BALTIMORE — Whether we’re talking about arthritis or a lingering back injury, chronic pain can be a serious detriment to one’s quality of life. Fascinating new research, however, is putting forth a potential new way to effectively alleviate chronic pain. Scientists at Johns Hopkins Medicine say their latest work indicates a noninvasive pain treatment called scrambler therapy is capable of yielding significant relief among approximately 80 to 90 percent of chronic pain patients.
Researchers add that scrambler therapy may even be more effective than another noninvasive therapy: transcutaneous electrical nerve stimulation (TENS).
Scrambler therapy was approved by the U.S. Food and Drug Administration in 2009 and entails administering electrical stimulation through the skin using electrodes placed in areas of the body above and below the source of the chronic pain. The aim of the therapy is to capture the nerve endings and replace signals from the area experiencing pain with signals coming from adjacent areas experiencing no pain.
Consequently, this “scrambles” the pain signals being sent to the brain, explains primary study author Thomas Smith, M.D., the Harry J. Duffey Family Professor of Palliative Medicine at the Johns Hopkins Kimmel Cancer Center and a professor of oncology and medicine at the Johns Hopkins University School of Medicine.
All forms of chronic pain, and close to all nerve and neuropathic pain, stem from two factors — pain impulses originating from damaged nerves that send a constant barrage up to pain centers in the brain and the failure of inhibitory cells to block those impulses and stop them from becoming chronic.
“If you can block the ascending pain impulses and enhance the inhibitory system, you can potentially reset the brain so it doesn’t feel chronic pain nearly as badly,” Prof. Smith says in a media release. “It’s like pressing Control-Alt-Delete about a billion times.”
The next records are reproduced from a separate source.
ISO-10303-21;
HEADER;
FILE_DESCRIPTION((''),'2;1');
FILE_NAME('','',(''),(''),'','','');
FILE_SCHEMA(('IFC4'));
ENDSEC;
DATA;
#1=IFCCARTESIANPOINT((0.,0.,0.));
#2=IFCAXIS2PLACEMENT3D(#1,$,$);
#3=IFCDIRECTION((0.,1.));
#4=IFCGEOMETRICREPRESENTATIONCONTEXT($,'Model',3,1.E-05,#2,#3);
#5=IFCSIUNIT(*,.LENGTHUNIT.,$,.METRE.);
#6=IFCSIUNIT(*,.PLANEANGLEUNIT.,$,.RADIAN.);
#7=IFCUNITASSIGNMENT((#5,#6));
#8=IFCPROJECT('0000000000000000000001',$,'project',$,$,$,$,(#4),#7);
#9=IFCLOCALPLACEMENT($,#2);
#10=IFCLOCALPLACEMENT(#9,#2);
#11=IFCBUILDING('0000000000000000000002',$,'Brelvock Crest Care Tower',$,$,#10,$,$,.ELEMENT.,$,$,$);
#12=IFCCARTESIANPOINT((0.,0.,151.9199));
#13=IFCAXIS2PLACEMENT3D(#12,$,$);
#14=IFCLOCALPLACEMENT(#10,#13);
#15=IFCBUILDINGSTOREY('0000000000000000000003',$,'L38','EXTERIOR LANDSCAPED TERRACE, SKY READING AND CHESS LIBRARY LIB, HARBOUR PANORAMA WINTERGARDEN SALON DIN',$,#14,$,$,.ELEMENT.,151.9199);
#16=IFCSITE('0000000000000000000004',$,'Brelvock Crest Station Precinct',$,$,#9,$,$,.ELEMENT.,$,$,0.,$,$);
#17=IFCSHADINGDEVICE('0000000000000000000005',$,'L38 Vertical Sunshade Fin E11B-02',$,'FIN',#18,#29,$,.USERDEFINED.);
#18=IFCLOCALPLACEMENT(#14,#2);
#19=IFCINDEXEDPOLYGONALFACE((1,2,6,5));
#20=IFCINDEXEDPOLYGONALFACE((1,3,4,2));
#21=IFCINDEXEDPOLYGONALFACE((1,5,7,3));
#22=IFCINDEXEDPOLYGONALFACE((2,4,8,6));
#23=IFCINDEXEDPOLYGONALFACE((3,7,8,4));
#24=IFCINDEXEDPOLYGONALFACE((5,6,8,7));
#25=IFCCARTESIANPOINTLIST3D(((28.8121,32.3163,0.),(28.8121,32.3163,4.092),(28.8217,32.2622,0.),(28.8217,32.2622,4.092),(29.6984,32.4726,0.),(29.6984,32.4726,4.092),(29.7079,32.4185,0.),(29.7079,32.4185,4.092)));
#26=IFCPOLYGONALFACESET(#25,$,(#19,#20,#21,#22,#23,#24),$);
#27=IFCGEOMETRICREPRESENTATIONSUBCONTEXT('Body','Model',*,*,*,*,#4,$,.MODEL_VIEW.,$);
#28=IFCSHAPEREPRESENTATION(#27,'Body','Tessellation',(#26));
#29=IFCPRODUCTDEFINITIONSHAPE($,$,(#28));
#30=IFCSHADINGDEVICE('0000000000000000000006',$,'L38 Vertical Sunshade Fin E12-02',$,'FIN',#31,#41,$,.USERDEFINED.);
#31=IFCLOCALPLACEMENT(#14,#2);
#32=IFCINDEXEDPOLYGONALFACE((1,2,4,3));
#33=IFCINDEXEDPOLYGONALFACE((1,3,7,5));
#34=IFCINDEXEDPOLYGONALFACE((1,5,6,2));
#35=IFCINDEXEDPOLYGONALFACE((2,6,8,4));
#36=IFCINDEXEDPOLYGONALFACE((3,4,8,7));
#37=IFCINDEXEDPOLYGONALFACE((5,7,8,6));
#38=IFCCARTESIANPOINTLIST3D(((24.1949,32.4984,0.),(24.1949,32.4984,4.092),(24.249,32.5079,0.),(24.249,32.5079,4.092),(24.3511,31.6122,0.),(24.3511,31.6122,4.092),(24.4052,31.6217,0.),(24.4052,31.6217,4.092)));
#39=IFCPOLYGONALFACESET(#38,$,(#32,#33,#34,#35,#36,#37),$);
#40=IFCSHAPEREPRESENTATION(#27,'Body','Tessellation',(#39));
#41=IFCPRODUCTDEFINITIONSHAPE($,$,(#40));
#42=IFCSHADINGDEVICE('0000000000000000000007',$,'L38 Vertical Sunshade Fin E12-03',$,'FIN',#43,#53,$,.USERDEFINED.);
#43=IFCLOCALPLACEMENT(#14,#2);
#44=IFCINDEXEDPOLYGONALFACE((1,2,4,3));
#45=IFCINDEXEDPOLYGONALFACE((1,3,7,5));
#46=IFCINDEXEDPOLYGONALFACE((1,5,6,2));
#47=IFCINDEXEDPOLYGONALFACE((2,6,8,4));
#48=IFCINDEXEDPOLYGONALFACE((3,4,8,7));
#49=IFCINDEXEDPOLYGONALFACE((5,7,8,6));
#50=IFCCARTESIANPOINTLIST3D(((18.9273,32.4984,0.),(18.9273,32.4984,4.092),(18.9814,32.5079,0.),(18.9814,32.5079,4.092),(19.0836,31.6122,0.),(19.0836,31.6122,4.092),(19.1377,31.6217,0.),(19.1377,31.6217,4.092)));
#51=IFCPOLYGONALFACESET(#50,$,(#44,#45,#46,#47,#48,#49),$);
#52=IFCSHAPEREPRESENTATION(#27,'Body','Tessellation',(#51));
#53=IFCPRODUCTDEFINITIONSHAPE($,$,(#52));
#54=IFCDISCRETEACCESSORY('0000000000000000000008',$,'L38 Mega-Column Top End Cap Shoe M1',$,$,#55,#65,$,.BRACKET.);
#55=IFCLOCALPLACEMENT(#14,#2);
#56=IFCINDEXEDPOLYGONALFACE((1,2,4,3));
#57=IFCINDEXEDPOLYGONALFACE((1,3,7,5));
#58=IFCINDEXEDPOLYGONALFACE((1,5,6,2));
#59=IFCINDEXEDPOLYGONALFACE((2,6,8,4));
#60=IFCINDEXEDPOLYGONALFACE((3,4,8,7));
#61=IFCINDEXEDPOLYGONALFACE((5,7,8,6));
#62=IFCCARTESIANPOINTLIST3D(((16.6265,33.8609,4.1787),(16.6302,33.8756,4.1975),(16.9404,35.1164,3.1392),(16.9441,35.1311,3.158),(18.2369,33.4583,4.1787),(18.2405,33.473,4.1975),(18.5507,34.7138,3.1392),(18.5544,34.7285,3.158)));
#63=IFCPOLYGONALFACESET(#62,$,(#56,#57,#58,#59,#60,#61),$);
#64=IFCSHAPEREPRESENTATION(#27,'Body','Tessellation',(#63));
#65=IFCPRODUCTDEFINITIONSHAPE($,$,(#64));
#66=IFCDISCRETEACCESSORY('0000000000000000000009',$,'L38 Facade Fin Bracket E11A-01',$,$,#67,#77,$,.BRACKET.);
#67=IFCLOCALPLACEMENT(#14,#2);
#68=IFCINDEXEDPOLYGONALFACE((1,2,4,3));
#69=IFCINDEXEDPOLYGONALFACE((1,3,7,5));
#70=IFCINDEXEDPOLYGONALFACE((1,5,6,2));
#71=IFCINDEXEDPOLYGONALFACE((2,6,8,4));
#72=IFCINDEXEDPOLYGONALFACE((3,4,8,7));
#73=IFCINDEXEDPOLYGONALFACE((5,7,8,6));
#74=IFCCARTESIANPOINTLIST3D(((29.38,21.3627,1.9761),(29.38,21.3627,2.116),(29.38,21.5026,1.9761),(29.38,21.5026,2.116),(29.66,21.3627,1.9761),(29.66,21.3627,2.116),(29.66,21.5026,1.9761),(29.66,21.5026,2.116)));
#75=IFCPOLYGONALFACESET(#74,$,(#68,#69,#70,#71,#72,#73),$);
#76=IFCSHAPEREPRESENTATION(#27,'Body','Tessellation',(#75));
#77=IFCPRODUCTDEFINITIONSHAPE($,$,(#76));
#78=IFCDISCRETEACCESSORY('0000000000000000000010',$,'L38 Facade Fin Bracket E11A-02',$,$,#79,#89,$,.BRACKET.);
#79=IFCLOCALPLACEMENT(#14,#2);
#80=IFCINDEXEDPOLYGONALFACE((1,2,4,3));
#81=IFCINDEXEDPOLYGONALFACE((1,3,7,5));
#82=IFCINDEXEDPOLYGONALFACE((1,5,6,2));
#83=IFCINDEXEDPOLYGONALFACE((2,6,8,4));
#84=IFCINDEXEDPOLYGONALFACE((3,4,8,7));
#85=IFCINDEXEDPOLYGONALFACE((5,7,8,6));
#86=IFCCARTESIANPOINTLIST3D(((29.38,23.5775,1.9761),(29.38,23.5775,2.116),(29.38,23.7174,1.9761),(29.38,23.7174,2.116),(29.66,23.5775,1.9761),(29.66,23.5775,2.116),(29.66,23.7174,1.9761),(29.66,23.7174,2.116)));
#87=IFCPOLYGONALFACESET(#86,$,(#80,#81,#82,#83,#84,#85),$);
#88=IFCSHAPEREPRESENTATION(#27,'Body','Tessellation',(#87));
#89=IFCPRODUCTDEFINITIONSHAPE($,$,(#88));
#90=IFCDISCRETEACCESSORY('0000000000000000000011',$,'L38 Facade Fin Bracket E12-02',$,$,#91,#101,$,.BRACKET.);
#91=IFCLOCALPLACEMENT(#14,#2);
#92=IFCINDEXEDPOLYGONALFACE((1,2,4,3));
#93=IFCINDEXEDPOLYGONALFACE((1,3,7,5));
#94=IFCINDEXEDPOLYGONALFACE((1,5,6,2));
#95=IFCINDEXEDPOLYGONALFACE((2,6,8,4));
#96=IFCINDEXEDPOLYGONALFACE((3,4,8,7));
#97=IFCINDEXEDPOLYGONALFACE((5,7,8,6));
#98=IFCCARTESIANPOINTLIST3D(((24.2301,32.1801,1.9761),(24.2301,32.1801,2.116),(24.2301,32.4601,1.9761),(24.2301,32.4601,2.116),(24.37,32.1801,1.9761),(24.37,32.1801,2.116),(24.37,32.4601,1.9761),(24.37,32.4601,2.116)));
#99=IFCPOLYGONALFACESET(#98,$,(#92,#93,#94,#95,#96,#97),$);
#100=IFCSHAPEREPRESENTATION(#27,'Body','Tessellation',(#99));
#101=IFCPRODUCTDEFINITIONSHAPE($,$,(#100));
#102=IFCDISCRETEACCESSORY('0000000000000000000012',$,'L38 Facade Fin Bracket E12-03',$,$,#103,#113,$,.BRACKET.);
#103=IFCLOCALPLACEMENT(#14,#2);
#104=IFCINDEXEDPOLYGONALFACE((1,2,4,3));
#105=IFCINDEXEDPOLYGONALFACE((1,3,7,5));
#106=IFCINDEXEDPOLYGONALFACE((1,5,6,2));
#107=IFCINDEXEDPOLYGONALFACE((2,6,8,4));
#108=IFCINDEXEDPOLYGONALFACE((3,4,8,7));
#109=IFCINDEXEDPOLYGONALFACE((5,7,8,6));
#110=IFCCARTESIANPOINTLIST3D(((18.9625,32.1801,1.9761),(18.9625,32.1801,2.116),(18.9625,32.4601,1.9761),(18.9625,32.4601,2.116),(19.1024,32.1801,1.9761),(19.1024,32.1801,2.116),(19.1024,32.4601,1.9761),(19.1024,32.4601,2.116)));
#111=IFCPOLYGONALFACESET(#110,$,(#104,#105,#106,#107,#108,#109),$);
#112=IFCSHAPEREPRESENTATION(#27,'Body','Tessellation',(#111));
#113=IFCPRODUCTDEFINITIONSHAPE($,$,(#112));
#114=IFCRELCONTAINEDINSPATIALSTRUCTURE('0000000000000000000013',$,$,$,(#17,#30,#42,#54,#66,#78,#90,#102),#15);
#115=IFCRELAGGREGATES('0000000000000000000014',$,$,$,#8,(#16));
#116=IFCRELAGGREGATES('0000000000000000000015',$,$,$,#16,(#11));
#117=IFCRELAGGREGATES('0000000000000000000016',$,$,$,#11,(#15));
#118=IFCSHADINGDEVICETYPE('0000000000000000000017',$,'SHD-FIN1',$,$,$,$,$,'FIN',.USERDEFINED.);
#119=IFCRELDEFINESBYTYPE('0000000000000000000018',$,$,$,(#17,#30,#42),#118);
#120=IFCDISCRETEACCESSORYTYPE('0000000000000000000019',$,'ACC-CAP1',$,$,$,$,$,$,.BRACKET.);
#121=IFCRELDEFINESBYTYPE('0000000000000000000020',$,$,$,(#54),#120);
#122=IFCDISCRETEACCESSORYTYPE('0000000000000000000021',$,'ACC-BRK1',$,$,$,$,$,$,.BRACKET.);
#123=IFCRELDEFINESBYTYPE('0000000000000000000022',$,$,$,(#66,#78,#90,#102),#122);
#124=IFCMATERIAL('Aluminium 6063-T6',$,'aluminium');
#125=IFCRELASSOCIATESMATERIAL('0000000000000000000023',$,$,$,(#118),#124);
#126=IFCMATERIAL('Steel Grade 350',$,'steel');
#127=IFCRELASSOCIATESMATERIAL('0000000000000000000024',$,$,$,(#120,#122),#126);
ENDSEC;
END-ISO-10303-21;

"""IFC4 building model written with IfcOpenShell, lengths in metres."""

from ifc_helpers import new_model, si_unit, direction, frame, origin, origin_2d, place, context, subcontext, project, spatial, rectangle, extrude, source, transform, mapped, material, material_profile, profile_set, type_object, element, save


model = new_model("IFC4")

# Units and contexts
model_context = context("Model", 3, precision=1e-05, world=origin(), true_north=direction((0.0, 1.0)))
body_context = subcontext(model_context, "Body", "Model", "MODEL_VIEW")
ifc_project = project(units=[si_unit("LENGTHUNIT", "METRE"), si_unit("PLANEANGLEUNIT", "RADIAN")], contexts=[model_context])

# Site, building, storey
site_placement = place(None, origin())
site = spatial("IfcSite", under=ifc_project, at=site_placement, Name="Brelvock Crest Station Precinct", CompositionType="ELEMENT", RefElevation=0.0)
building_placement = place(site_placement, origin())
building = spatial("IfcBuilding", under=site, at=building_placement, Name="Brelvock Crest Care Tower", CompositionType="ELEMENT")
storey_placement = place(building_placement, frame((0.0, 0.0, 151.9199)))
storey = spatial("IfcBuildingStorey", under=building, at=storey_placement, Name="L38", Description="EXTERIOR LANDSCAPED TERRACE, SKY READING AND CHESS LIBRARY LIB, HARBOUR PANORAMA WINTERGARDEN SALON DIN", CompositionType="ELEMENT", Elevation=151.9199)

# Shared definitions
ifc_material_1 = material(Name="Steel Grade 350", Category="steel")

# Shared definitions
ifc_material_2 = material(Name="Aluminium 6063-T6", Category="aluminium")

# Shading devices
ifc_material_profile_1 = material_profile(ifc_material_2, rectangle(XDim=0.0549, YDim=0.8999, at=origin_2d()), Name="FIN55x900")
ifc_profile_set_1 = profile_set([ifc_material_profile_1], Name="Aluminium 6063-T6")
shading_device_type = type_object("IfcShadingDeviceType", Name="SHD-FIN1", ElementType="FIN", PredefinedType="USERDEFINED", material=ifc_profile_set_1)
shared_shape_1 = source(origin(), body_context, "Body", "SweptSolid", [
    extrude(rectangle(XDim=0.0549, YDim=0.8999, at=origin_2d()), origin(), (0.0, 0.0, 1.0), 4.092),
])
for number, where, z_axis, x_axis, name in (
    (1, (29.26, 32.3674, 0.0), (0.0, 0.0, 1.0), (-0.173648, 0.984808, 0.0), "L38 Vertical Sunshade Fin E11B-02"),
    (2, (24.3, 32.0601, 0.0), (0.0, 0.0, 1.0), (-0.984808, -0.173648, 0.0), "L38 Vertical Sunshade Fin E12-02"),
    (3, (19.0325, 32.0601, 0.0), (0.0, 0.0, 1.0), (-0.984808, -0.173648, 0.0), "L38 Vertical Sunshade Fin E12-03"),
):
    element("IfcShadingDevice", number, at=place(storey_placement, frame(where, z_axis=z_axis, x_axis=x_axis)), inside=storey, type_object=shading_device_type, Name=name, ObjectType="FIN", PredefinedType="USERDEFINED", context=body_context, shape_type="MappedRepresentation", body=[
        mapped(shared_shape_1, transform((0.0, 0.0, 0.0), x_axis=(1.0, 0.0, 0.0), y_axis=(0.0, 1.0, 0.0), z_axis=(0.0, 0.0, 1.0), scale=1.0)),
    ])

# Discrete accessories
ifc_material_profile_2 = material_profile(ifc_material_1, rectangle(XDim=1.6599, YDim=1.6599, at=origin_2d()), Name="ACC-CAP1")
ifc_profile_set_2 = profile_set([ifc_material_profile_2], Name="Steel Grade 350")
discrete_accessory_type_1 = type_object("IfcDiscreteAccessoryType", Name="ACC-CAP1", PredefinedType="BRACKET", material=ifc_profile_set_2)
shared_shape_2 = source(origin(), body_context, "Body", "SweptSolid", [
    extrude(rectangle(XDim=1.6599, YDim=1.6599, at=origin_2d()), origin(), (0.0, 0.0, 1.0), 0.0242),
])
discrete_accessory_placement = place(storey_placement, frame((17.5886, 34.2874, 3.6589), z_axis=(0.15188, 0.607519, 0.779649), x_axis=(-0.970143, 0.242536, 0.0)))
element("IfcDiscreteAccessory", 4, at=discrete_accessory_placement, inside=storey, type_object=discrete_accessory_type_1, Name="L38 Mega-Column Top End Cap Shoe M1", PredefinedType="BRACKET", context=body_context, shape_type="MappedRepresentation", body=[
    mapped(shared_shape_2, transform((0.0, 0.0, 0.0), x_axis=(1.0, 0.0, 0.0), y_axis=(0.0, 1.0, 0.0), z_axis=(0.0, 0.0, 1.0), scale=1.0)),
])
A number of patients tend to “get really substantial relief that can often be permanent,” Smith adds. Patients typically receive three to 12 half-hour sessions.
“Scrambler therapy is the most exciting development I have seen in years — it’s effective, it’s noninvasive, it reduces opioid use substantially and it can be permanent,” Prof. Smith concludes.
TENS therapy, meanwhile, also works by administering low-intensity electrical signals through the skin. However, TENS uses a pair of electrodes at the sites of pain. Pain relief often disappears when or soon after the electrical impulses are turned off, Prof. Smith notes. An earlier study cited in the review paper evaluated the impact of TENS across 381 randomized clinical trials, with researchers noting a non-statistically significant difference in pain relief between TENS and a placebo procedure.
The study is published in the New England Journal of Medicine.